What hasn't been tried though is tipping the tv over so that screen is on the ground. How would she get out them. Or smash the tv while she is walking toward the screen.
If that doesn't work tell her you oved her work in the Ring and The ring 2. And try to kiss as much ass as possible.
Put on a fake beard, a wide-brimmed hat, cotton shirt, suspenders, grab a pitch fork. Then when she comes after me say "ye ol' water logged vixen, twas not me who watchethed thy tape of ye, for I be Amish"
[quote name='guardian_owl']Put on a fake beard, a wide-brimmed hat, cotton shirt, suspenders, grab a pitch fork. Then when she comes after me say "ye ol' water logged vixen, twas not me who watchethed thy tape of ye, for I be Amish"[/QUOTE]
[quote name='pimpinc333']Yea, you never seen the movie have you?
What hasn't been tried though is tipping the tv over so that screen is on the ground. How would she get out them. Or smash the tv while she is walking toward the screen.
If that doesn't work tell her you oved her work in the Ring and The ring 2. And try to kiss as much ass as possible.[/QUOTE]
I meant it like, "turn off the TV and stop watching these lame movies" kinda way.

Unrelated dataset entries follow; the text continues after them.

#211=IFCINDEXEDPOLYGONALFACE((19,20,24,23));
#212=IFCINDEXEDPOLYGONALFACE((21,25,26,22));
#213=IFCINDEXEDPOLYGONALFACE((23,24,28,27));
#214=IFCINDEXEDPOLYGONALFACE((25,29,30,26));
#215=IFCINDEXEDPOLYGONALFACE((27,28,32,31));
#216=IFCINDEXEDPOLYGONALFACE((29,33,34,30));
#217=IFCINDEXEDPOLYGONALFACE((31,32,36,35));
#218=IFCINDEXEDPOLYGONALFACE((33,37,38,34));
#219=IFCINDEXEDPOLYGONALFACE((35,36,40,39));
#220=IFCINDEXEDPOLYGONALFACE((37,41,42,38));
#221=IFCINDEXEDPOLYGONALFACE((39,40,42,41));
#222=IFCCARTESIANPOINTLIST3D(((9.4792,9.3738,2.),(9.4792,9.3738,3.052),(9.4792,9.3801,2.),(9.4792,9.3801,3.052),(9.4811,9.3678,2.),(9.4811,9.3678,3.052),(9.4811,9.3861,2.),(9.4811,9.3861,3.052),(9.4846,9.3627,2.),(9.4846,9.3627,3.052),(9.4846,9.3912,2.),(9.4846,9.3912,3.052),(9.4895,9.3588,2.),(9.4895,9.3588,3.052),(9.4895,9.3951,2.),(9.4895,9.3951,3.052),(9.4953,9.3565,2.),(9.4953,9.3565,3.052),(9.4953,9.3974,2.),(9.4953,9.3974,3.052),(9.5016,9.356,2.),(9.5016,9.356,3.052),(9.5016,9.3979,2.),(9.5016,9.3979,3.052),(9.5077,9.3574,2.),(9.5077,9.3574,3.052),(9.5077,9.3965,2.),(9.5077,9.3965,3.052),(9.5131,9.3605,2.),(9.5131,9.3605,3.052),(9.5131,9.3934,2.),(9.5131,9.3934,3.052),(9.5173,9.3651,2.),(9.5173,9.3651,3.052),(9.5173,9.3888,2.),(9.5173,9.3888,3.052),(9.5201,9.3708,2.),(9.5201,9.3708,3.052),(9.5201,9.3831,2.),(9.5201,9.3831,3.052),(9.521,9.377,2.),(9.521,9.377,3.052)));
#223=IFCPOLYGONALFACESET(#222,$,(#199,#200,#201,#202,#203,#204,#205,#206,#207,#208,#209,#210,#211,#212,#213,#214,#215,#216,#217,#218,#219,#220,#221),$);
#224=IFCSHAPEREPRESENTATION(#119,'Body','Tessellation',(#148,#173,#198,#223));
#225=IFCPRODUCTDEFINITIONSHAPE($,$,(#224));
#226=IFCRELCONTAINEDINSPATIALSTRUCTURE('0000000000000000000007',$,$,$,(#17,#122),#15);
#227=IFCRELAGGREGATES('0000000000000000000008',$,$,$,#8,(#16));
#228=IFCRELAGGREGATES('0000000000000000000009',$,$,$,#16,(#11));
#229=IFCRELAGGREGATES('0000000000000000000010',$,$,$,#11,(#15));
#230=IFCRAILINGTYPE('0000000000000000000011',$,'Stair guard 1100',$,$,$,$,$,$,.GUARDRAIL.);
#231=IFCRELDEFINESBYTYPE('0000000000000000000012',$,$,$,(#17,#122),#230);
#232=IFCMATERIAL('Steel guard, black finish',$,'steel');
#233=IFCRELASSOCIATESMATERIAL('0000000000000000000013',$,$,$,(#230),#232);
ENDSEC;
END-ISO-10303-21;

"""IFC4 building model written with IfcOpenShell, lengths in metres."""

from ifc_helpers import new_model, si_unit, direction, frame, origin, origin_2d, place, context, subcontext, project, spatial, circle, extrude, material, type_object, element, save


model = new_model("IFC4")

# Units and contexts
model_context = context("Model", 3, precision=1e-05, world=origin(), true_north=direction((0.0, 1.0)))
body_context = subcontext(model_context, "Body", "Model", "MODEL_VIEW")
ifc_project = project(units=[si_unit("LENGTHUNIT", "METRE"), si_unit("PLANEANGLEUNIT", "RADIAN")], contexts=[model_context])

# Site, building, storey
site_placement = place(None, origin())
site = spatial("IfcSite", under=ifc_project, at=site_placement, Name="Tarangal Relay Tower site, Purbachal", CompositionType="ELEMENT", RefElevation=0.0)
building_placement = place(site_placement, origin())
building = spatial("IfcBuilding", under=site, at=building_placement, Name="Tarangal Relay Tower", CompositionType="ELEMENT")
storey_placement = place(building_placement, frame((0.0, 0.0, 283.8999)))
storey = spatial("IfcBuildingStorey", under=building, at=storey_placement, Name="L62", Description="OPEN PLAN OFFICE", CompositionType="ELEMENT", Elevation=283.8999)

Place a TV playing the movie "Army of Darkness" flesh up against the front of the screen so she jumps from one TV to other. I'm sure Ash should have no problems taking care of her.
Either that or hook the video output from 2nd TV into the video input of the 1st TV trapping her in an infinite loop.
[quote name='guardian_owl']Place a TV playing the movie "Army of Darkness" flesh up against the front of the screen so she jumps from one TV to other. I'm sure Ash should have no problems taking care of her.
Either that or hook the video output from 2nd TV into the video input of the 1st TV trapping her in an infinite loop.[/QUOTE]
Now that would make a interesting movie. Evil Dead meets the ring...
I'd be forced to danza slap the beast into submission. Then I'd take out my ole clippers and give her a nice buzz cut, curious as to exactly what that seawench's face looks like exactly.
[quote name='guardian_owl']Put on a fake beard, a wide-brimmed hat, cotton shirt, suspenders, grab a pitch fork. Then when she comes after me say "ye ol' water logged vixen, twas not me who watchethed thy tape of ye, for I be Amish"[/QUOTE]
You'd have to do that pretty fast, have you practiced?
[quote name='el bobo']I would say I watched the DVD version of the movie, not the evil VHS version of it.[/QUOTE]
That's so crazy that it might just work.
[quote name='Zenithian Legend']Correct! Tony Danza did a porn, and his finishing manuever (so to speak) was the Danza slap, ie the ol' weiner across the face trick.[/QUOTE]
[quote name='LeakyImplant']Before falling down the well. Exactly. The girl who plays her in The Ring 2 is pretty gnarly looking from what I've seen in the bonus material.[/QUOTE]
Incidentally, the girl in Ring Zero is also in a number of japanese dramas I've seen and liked (of which Gokusen - a Great Teacher Onizuka type jdrama - and Trick are her best).